John Baez (May 18 2020 at 22:17):I'm not an expert on this stuff at all, but here's a tweet about COVID-19 data:
https://twitter.com/MaxCRoser/status/1262152381153841158
*Testing for COVID-19* The only global database on testing for COVID19 is maintained by us at Our World in Data. You find the regularly updated data, several visualizations and detailed descriptions of the sources here https://ourworldindata.org/coronavirus-testing
- Max Roser (@MaxCRoser) John Baez (May 18 2020 at 22:18):I don't know if what he's saying is true, but you can at least look at what he's got.
Rich Hilliard (May 18 2020 at 23:24):A couple of sites I've run into with data (haven't looked closely):
https://covid19.healthdata.org/ - US and other countries
https://covidtracking.com - just US
David Tanzer (Jul 17 2020 at 07:17):This book is an introductory text to the methods and tools that are nowadays widely used an accepted in the mathematical epidemiology literature. It is intended to start from a beginner level and accelerate to research level.
...
This textbook is a comprehensive, self-contained introduction to the mathematical modeling and analysis of infectious diseases. It includes model building, fitting to data, local and global analysis techniques. Various types of deterministic dynamical models are considered: ordinary differential equation models, delay-differential equation models, difference equation models, age-structured PDE models and diffusion models. It includes various techniques for the computation of the basis reproduction number as well as approaches to the epidemiological interpretation of the reproduction number.
It's clearly written and gives a survey of the landscape. Caveat: it doesn't cover any stochastic models.

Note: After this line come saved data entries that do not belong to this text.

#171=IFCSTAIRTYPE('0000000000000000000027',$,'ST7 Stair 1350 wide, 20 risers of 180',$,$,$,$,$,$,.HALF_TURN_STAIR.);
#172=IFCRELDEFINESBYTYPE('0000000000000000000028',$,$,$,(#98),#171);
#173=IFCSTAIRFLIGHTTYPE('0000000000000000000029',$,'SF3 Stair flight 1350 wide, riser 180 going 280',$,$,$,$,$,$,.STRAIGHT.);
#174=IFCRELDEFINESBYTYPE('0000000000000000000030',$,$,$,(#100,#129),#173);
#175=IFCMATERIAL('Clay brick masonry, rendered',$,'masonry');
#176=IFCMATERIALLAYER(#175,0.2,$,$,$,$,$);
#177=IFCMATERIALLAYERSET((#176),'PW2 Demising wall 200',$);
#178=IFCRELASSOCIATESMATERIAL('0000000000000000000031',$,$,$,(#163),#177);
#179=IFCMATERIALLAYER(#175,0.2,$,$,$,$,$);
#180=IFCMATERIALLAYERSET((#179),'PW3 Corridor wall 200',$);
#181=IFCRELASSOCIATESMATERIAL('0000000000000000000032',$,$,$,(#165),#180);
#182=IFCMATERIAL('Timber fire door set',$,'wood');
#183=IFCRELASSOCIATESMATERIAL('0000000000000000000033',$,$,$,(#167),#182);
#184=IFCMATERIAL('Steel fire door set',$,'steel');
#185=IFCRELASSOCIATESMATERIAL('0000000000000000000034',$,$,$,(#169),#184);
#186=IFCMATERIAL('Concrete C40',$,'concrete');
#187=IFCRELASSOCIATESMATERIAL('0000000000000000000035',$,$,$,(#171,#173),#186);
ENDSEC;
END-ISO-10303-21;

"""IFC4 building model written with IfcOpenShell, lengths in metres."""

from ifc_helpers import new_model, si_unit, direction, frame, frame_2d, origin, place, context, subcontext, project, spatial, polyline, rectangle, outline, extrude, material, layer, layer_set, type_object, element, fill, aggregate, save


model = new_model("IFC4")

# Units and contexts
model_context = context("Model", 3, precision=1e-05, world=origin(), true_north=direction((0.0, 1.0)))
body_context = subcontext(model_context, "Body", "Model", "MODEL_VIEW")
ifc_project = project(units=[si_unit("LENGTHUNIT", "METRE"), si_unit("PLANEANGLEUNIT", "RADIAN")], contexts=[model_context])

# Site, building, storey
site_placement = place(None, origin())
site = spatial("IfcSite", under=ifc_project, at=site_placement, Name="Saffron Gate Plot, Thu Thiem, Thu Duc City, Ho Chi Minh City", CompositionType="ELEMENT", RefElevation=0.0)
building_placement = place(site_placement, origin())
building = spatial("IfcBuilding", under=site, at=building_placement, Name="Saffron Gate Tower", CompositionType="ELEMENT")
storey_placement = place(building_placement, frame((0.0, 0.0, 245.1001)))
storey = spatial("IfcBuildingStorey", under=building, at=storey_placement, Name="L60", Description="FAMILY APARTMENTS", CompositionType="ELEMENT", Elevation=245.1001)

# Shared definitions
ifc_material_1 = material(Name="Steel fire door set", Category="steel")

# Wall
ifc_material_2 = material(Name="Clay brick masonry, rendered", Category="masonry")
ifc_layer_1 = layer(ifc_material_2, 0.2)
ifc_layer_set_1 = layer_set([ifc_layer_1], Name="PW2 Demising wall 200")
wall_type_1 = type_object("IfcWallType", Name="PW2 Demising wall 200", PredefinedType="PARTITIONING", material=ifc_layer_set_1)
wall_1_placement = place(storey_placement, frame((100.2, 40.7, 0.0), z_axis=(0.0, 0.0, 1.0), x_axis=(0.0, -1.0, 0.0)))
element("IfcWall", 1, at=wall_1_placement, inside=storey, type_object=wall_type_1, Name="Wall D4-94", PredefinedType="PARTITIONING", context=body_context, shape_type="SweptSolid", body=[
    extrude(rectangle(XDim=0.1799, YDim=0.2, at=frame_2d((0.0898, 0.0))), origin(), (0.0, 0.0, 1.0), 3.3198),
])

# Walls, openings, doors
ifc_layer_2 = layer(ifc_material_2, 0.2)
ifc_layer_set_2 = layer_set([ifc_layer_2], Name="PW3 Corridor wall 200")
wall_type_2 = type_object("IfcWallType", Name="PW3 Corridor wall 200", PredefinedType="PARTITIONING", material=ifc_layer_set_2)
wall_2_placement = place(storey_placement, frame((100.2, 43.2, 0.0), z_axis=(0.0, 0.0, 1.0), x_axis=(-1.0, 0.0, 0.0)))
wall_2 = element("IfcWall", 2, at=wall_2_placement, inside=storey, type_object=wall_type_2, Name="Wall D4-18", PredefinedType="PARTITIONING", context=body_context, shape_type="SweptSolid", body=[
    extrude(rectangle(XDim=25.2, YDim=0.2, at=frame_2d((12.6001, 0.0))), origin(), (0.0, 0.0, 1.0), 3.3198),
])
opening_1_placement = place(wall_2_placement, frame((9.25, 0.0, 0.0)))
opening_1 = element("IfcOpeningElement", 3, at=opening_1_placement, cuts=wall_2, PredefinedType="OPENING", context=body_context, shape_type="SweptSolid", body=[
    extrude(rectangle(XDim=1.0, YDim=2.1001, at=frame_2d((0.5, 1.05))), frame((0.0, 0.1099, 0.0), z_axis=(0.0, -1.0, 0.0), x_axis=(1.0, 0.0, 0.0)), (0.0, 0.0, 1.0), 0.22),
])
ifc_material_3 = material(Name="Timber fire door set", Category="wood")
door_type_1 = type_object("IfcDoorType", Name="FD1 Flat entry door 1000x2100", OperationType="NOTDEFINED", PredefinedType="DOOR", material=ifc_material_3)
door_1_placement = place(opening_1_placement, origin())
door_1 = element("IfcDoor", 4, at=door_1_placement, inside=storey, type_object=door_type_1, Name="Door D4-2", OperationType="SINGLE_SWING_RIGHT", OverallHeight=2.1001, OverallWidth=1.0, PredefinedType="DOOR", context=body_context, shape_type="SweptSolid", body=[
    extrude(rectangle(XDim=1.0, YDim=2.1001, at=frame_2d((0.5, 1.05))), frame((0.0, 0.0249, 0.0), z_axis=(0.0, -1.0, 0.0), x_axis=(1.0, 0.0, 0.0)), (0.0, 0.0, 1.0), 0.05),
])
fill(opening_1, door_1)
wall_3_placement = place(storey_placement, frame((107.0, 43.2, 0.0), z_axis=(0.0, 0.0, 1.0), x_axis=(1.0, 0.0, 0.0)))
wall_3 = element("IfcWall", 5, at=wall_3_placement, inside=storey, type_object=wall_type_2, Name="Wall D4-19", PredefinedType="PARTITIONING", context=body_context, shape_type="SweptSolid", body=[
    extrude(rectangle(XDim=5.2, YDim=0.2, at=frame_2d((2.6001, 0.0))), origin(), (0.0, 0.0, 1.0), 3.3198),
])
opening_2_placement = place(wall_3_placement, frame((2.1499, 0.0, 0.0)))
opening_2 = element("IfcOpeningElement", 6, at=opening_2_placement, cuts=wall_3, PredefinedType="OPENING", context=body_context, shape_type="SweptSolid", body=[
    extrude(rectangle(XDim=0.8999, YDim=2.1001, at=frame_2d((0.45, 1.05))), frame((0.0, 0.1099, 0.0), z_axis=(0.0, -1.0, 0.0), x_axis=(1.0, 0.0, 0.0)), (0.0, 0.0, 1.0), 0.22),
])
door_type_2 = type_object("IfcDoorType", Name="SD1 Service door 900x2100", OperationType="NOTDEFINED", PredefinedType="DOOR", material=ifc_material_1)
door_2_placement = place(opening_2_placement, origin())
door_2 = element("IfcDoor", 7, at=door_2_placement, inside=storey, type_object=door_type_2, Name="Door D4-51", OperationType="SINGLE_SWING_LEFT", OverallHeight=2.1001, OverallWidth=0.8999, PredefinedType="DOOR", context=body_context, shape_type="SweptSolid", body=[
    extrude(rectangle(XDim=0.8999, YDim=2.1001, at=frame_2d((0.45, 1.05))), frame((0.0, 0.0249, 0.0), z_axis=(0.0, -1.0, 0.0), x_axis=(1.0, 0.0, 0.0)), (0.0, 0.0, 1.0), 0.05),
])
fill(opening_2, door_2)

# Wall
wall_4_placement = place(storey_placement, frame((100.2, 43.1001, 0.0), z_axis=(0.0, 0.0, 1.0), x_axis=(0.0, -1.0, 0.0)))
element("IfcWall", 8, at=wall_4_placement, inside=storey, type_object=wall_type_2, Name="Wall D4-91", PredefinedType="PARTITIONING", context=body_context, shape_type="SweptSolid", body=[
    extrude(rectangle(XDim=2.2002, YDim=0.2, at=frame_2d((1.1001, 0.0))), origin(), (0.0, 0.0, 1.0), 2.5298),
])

David Tanzer (Jul 17 2020 at 07:18):Chapters:
Introduction to Epidemic Modeling
The SIR Model with Demography: General Properties of Planar Systems
Vector-Borne Diseases
Techniques for Computing R0
Fitting Models to Data
Analysis of Complex ODE Epidemic Models: Global Stability
Multistrain Disease Dynamics
Control Strategies
Ecological Context of Epidemiology
Zoonotic Disease, Avian Influenza, and Nonautonomous Models
Age-Structured Epidemic Models
Class-Age Structured Epidemic Models
Immuno-Epidemiological Modeling
Spatial Heterogeneity in Epidemiological Models
Discrete Epidemic Models
David Tanzer (Jul 17 2020 at 07:18):Includes substantive problem sets.